未だわっしわっしと俺の頭を混ぜている信玄公は大きな声で、そんな事を言って笑う。


「お主が信じてやらぬと真樹緒はどこへ戻って来ればよい。」
「あ…」


そんな信玄公に俺の力が抜けて。
体の力が全部抜けて。



気付けば涙は止まっていた。



「分かっているんです。」


俺だって。
あの子が、武将ですら無いあの子がどれほど強くあるかぐらい。
けれど本人が分かっていなくて。
分かっているんだけれど分かっていなくて。
俺は真樹緒が思っている以上に真樹緒を心配しているっていうのに分かっていなくて。
俺はそれがもどかしくて。


「その涙をあれに見せてやってはどうか。
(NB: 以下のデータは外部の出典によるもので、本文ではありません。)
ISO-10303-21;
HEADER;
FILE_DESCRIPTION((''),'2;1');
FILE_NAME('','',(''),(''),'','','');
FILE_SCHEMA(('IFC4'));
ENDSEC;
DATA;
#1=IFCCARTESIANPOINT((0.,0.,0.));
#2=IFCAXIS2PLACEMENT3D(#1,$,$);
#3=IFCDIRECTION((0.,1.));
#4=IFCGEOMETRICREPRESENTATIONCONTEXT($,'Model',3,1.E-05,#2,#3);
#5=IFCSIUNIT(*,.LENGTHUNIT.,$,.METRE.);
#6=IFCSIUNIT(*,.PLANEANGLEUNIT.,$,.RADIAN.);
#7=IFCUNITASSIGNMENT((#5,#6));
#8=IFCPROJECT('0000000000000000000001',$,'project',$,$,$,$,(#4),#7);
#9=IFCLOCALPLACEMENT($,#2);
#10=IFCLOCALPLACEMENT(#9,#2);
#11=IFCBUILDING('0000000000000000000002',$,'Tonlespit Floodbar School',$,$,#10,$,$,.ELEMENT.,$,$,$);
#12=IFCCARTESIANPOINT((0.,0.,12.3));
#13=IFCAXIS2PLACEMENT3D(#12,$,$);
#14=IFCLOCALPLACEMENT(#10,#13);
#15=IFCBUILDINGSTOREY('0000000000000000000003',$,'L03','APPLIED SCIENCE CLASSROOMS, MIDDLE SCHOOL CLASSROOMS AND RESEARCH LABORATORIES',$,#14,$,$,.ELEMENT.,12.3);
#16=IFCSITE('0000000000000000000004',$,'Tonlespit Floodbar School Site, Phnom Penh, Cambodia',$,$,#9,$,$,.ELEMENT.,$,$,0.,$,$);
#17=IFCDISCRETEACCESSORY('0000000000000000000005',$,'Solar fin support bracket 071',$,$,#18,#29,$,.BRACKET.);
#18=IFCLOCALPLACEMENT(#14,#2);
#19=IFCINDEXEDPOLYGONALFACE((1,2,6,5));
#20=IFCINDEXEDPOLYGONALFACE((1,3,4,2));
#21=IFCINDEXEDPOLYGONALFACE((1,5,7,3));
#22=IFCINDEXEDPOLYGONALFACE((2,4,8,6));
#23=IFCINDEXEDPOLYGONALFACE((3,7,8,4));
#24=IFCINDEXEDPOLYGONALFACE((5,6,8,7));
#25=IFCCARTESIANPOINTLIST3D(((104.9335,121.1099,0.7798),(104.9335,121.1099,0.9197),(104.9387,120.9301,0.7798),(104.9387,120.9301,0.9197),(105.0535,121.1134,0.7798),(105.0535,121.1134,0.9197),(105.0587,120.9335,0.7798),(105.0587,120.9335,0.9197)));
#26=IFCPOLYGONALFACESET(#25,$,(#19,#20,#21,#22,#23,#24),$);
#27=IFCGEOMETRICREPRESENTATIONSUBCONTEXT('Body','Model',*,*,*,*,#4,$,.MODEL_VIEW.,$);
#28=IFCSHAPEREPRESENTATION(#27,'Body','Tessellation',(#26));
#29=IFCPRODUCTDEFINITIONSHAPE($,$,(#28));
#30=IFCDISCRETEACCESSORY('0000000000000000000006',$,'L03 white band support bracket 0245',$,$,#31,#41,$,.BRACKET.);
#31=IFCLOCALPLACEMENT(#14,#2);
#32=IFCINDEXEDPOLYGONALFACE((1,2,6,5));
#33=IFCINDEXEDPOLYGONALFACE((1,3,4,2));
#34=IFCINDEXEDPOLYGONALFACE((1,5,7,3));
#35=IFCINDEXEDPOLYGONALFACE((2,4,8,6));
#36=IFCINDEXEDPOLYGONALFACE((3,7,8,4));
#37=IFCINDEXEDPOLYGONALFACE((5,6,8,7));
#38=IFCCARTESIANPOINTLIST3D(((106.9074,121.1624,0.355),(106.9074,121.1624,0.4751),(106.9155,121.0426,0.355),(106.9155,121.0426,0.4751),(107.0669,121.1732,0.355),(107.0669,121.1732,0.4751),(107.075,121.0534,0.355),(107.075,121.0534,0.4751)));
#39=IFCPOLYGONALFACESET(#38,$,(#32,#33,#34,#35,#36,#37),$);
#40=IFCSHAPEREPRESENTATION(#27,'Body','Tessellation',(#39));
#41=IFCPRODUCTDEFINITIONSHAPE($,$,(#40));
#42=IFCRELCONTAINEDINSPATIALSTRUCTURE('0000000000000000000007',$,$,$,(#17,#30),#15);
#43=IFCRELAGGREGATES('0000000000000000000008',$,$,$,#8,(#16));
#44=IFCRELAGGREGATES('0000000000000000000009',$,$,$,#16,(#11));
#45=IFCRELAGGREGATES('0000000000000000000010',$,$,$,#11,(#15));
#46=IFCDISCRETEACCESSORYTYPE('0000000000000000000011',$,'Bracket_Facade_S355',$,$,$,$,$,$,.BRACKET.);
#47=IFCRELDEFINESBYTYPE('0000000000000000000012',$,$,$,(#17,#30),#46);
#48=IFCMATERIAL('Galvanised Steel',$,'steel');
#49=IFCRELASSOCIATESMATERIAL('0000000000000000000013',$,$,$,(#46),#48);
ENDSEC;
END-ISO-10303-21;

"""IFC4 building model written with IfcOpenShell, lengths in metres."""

from ifc_helpers import new_model, si_unit, direction, frame, origin, origin_2d, place, context, subcontext, project, spatial, rectangle, extrude, material, type_object, element, save


model = new_model("IFC4")

# Units and contexts
model_context = context("Model", 3, precision=1e-05, world=origin(), true_north=direction((0.0, 1.0)))
body_context = subcontext(model_context, "Body", "Model", "MODEL_VIEW")
ifc_project = project(units=[si_unit("LENGTHUNIT", "METRE"), si_unit("PLANEANGLEUNIT", "RADIAN")], contexts=[model_context])

# Site, building, storey
site_placement = place(None, origin())
site = spatial("IfcSite", under=ifc_project, at=site_placement, Name="Tonlespit Floodbar School Site, Phnom Penh, Cambodia", CompositionType="ELEMENT", RefElevation=0.0)
building_placement = place(site_placement, origin())
building = spatial("IfcBuilding", under=site, at=building_placement, Name="Tonlespit Floodbar School", CompositionType="ELEMENT")
storey_placement = place(building_placement, frame((0.0, 0.0, 12.3)))
storey = spatial("IfcBuildingStorey", under=building, at=storey_placement, Name="L03", Description="APPLIED SCIENCE CLASSROOMS, MIDDLE SCHOOL CLASSROOMS AND RESEARCH LABORATORIES", CompositionType="ELEMENT", Elevation=12.3)

# Discrete accessories
ifc_material_1 = material(Name="Galvanised Steel", Category="steel")
discrete_accessory_type = type_object("IfcDiscreteAccessoryType", Name="Bracket_Facade_S355", PredefinedType="BRACKET", material=ifc_material_1)
discrete_accessory_1_placement = place(storey_placement, frame((104.9961, 121.0217, 0.7798), z_axis=(0.0, 0.0, 1.0), x_axis=(0.999584, 0.028838, 0.0)))
element("IfcDiscreteAccessory", 1, at=discrete_accessory_1_placement, inside=storey, type_object=discrete_accessory_type, Name="Solar fin support bracket 071", PredefinedType="BRACKET", context=body_context, shape_type="SweptSolid", body=[
    extrude(rectangle(XDim=0.1201, YDim=0.1799, at=origin_2d()), origin(), (0.0, 0.0, 1.0), 0.1399),
])
discrete_accessory_2_placement = place(storey_placement, frame((106.9912, 121.1079, 0.355), z_axis=(0.0, 0.0, 1.0), x_axis=(0.99773, 0.067347, 0.0)))
element("IfcDiscreteAccessory", 2, at=discrete_accessory_2_placement, inside=storey, type_object=discrete_accessory_type, Name="L03 white band support bracket 0245", PredefinedType="BRACKET", context=body_context, shape_type="SweptSolid", body=[
    extrude(rectangle(XDim=0.1599, YDim=0.1201, at=origin_2d()), origin(), (0.0, 0.0, 1.0), 0.1201),
])

save(model, "model.ifc")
」


ならば少しは落ち着くやも知れんぞ。


「御冗談を。」


母は言う事聞かない子を叱り飛ばすのが役目なんですよ。
目じりに残っていたものを指で弾いて小さく笑う。


ああよかった。
平気だ。
大丈夫だ。
腹の奥底につかえていたものが綺麗に解けて無くなって行く。


信玄公はやはり大きな方だった。
何も、案じる必要など無かった。
大丈夫だ。


「直に幸村らも戻ってこよう。」
「ええ、うちの忍も。」


そして真樹緒も。


立ちあがった信玄公に深く礼をし頭を下げた。
ありがとうございます信玄公。
梵を、伊達を、真樹緒を、本当にありがとうございます。
笑ってばかりの信玄公から返事は無く、庭を臨むその大きな背に俺は静かに頭を下げ続けた。



「顔を上げよ三傑の。」


戻ってきよったわ。


「ええ、賑やかですね。」


すぐ近くから足音が聞こえる。
聞きなれた声は梵で。
小十郎がそれに続き。
共に戻ってきただろう真田殿からは甲斐のお忍び君の名前も聞ける。
ああなら、うちの子とうちの忍は。



「えっ、伊達サンが大将の部屋に!?」


ちょまじで辛抱堪らなくなって殴り込みとか!?
うっそ大将だよ!?
ああでも伊達さんだったら何かやりそうだよねうっわ怖い。
俺様これから真樹緒の事報告しなきゃならないってのに!
かすが!お願い先行っててよ。
俺様とてもじゃないけどそんな伊達さんに真樹緒の報告なんてできないって。


「押すな馬鹿者!」
「Ah―!?猿てめぇ真樹緒と風魔はどうした!」
「近江に真樹緒殿の姿は無かったのか!?」
「あー…だからそれ話せば長いんだよねー。」


色々あってさー。
てか旦那や独眼竜の方こそどうだったの。
そっち。
織田信長と明智光秀が対峙してたんじゃないの?
何か明智光秀近江に戻って来てたんだけど。


「Shut up!!明智の名は出すんじゃねぇ!」
「政宗様、一体何が。」







どたどたどたとこちらに近づいてくる沢山の足音。
ここを目指しているんだろう待ち遠しくて気が逸る。
けれど。
あれ何か聞き捨てならない科白が聞こえた気がしたんだけれど俺の気の所為かなぁ?
真樹緒の報告?
何の事。
一緒に戻ってきてるんじゃないの。




「…三傑よ、」
「信玄公、今から俺は奥州のお母さんです。」



奥州のお母さんおシゲちゃんです。
くれぐれも口出し無き様お願いいたします。
いいですか。
俺、容赦なんてするつもりはありませんから。



「大将、失礼します。」


猿飛佐助、只今戻りました。


「お館様!幸村もここに!」


背後でゆっくりと開いた扉、同時に俺も振り返る。


「げっ!!」


なんて聞こえて来た声は誰のものかなんて別に気にならない。


さあ、梵。
さあ、真田殿。
さあ、甲斐のお忍び君。


「お帰り。」


詳しい話を聞かせてもらおうか。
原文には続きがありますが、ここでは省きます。